I had omitted to share the full truth about my age and the family business with him, but I wouldn’t lie to him about my parents.
“I don’t miss them at all,” I spit out. “They both hated children, particularly the ones they were supposed to be responsible for. My mother died when I was three and my father died when I was ten. It was a huge relief when he died, to be honest. My brothers raised themselves and when we came along, they raised us. If it weren’t for Dante, Damien and Spencer, my sister and I wouldn’t be alive today. After our father died, my mother’s sister got custody of us, and then Spencer too. She gave us all the home life we had never had before. She’s the only mom that I’ve ever had and I love her to pieces. I only wish she had gotten custody of us earlier because so much of my life would have been different if…”
I abruptly stopped talking, surprised with myself for letting so much of my guard down. I had just been seconds away from telling Dillon what my father had done to me. Still, if there were anyone that I knew who could handle it, that person would be Dillon.

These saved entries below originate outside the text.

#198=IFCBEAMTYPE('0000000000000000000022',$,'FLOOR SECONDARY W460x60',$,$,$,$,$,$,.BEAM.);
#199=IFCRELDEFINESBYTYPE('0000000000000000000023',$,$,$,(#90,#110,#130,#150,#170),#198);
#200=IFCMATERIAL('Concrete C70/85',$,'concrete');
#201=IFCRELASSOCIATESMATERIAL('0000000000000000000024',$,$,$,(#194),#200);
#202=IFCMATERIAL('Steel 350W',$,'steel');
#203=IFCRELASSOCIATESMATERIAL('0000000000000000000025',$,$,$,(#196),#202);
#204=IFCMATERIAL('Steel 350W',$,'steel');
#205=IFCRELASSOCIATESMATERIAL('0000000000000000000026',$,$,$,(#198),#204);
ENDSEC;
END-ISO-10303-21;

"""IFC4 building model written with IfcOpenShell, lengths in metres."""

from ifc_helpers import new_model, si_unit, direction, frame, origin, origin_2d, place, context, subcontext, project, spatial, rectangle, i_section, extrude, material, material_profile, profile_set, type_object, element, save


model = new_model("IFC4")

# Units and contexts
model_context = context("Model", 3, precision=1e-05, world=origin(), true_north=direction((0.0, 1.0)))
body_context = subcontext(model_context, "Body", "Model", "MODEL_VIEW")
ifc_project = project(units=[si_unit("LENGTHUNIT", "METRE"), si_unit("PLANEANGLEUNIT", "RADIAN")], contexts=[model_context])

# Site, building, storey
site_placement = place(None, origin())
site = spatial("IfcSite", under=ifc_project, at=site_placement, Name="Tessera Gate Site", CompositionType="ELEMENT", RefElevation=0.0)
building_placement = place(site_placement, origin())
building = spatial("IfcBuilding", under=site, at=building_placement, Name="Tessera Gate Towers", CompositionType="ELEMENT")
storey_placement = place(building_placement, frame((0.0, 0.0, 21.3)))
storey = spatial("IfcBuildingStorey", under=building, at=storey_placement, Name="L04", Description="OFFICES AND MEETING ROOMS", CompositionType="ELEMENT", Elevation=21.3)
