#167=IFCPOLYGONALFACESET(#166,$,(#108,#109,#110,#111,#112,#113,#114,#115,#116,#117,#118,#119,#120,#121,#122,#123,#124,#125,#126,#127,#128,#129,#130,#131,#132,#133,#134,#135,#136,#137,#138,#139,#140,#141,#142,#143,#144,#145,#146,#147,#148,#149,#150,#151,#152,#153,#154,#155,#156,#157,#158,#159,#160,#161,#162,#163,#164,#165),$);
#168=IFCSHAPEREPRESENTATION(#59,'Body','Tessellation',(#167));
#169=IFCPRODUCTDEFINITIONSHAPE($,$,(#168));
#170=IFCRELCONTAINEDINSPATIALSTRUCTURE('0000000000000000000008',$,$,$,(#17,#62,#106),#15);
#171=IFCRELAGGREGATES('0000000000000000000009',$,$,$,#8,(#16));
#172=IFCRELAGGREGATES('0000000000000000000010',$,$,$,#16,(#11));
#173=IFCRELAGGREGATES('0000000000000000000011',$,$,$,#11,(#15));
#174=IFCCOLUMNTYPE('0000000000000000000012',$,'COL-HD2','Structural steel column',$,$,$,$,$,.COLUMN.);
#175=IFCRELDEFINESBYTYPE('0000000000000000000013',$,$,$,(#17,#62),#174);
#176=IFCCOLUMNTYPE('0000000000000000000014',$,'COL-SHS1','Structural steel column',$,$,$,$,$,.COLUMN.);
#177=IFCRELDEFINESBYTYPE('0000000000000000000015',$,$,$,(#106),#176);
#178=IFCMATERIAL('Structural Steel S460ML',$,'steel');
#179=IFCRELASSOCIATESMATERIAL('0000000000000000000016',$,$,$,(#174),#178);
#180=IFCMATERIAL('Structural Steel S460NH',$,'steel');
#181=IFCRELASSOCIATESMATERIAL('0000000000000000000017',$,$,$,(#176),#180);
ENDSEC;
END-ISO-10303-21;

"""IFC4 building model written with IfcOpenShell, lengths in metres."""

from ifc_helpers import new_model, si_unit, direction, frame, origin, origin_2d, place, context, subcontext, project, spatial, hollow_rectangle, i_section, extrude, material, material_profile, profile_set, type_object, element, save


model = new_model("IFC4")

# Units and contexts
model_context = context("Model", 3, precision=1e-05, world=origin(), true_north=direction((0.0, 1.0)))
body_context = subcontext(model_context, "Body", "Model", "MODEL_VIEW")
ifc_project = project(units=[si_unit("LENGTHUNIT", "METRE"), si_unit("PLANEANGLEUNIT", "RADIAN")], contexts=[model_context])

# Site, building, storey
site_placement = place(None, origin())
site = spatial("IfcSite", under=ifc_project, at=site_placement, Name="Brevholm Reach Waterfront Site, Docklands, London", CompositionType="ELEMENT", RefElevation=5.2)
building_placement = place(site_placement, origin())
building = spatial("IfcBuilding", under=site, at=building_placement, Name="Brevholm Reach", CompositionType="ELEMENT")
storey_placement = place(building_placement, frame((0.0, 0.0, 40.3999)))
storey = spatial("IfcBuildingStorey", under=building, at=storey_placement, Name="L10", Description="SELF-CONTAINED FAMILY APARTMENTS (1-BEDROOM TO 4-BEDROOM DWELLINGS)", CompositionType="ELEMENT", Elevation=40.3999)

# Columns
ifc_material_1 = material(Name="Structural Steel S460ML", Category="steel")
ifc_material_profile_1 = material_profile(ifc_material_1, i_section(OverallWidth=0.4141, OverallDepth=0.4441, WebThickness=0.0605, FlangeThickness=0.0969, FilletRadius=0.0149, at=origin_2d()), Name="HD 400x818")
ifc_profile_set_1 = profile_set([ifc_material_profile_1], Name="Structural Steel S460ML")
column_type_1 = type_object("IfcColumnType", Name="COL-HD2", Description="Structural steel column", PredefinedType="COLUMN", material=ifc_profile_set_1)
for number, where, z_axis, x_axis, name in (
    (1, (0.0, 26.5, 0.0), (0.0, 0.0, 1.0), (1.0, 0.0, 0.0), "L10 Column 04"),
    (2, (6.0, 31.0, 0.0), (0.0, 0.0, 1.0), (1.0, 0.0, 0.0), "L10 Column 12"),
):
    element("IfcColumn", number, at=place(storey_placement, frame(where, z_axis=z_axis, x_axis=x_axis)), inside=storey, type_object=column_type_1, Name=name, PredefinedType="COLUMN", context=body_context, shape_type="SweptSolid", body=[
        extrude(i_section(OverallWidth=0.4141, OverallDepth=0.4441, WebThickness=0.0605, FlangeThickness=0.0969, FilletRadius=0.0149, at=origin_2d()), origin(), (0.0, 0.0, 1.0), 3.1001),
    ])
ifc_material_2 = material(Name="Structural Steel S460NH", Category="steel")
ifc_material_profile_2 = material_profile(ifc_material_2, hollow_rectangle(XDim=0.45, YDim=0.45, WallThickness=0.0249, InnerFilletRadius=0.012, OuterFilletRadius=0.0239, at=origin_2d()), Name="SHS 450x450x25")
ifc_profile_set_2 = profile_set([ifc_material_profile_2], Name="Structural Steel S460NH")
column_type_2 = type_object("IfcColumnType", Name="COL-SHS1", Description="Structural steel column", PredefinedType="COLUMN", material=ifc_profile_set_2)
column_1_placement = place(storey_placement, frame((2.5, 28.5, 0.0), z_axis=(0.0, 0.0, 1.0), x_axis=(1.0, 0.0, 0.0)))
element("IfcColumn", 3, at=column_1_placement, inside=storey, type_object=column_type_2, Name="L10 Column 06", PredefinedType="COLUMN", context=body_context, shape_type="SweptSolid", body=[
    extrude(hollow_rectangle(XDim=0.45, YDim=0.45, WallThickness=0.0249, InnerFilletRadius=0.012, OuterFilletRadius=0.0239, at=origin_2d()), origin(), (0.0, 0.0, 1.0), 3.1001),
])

I realized that it had gotten strangely silent in the yard. I looked up to see Dillon staring down at me with a horrified expression on his face.
“I’ve heard something very similar to that sentence before Minnie, only it was Marissa who said it. Did your father do something to you honey?”
The tears were filling my eyes before the question was fully out of his mouth. Wiping at the tears that escaped, I nodded and then answered his question verbally.
“My brothers were so protective, always on guard and alert, but one day my father had an opportunity and he took it. I’m just lucky that they came home before he had the chance to rape me. He touched himself, touched me, but by the grace of God he didn’t get to violate me that way. The thing is… no one knows because I’ve never told anyone in my family. The first person I ever told the story to was Marissa. I used to be a lot like her, Dillon. Problems being touched, issues with intimacy, depression and anxiety. She was the one who helped me start to work my way through all of that. Now I realize that I am strong enough to survive and I will never let what he did ruin me.”
It felt so good to tell him, to open myself up to him completely. I leaned into his hand when he cupped my face and used his thumb to wipe away my tears.
“You amaze me Dominique. You’re easily one of the strongest people that I’ve ever known, and although I realized that long before today, I am more in awe of you than ever. I’m sorry that he touched you baby, but I want you to know that I’m damn proud of you for not letting it destroy your life. I hope you aren’t keeping this from your family because you think that it was somehow your fault.”
It was a bit of a shock to realize that I really wanted to be wrapped around him right then, but instead of second guessing myself I sat up and climbed into his lap. When he wrapped his arms around me and put his cheek on the top of my head I melted into him.
“For a really long time, I did think it was my fault. But now that I’m older, I understand that he would have done the same thing to my sister or any other person that he could have gotten his hands on. My father was a monster who lived to assert his dominance and make people feel inferior. He broke people as a hobby, I was just in the wrong place at the wrong time.”
“The reason that I’ve never told my family is that they had to deal with enough. When I say that they gave up everything for my sister and me, I’m not exaggerating. I’ve never seen a reason to tell them because all it would do is make them feel guilty.”
Hugging me tighter he answered, “Honey, something terrible happened to you. You must have needed support all of these years. Your brothers must be a lot older than you to have raised you, so I’m sure they would have handled it.”
I swear that I felt a physical shifting inside my body as my heart opened the door to Dillon. He wasn’t just a great guy, a hot guy, a nice guy, a smart guy… he was the guy that I was falling in love with.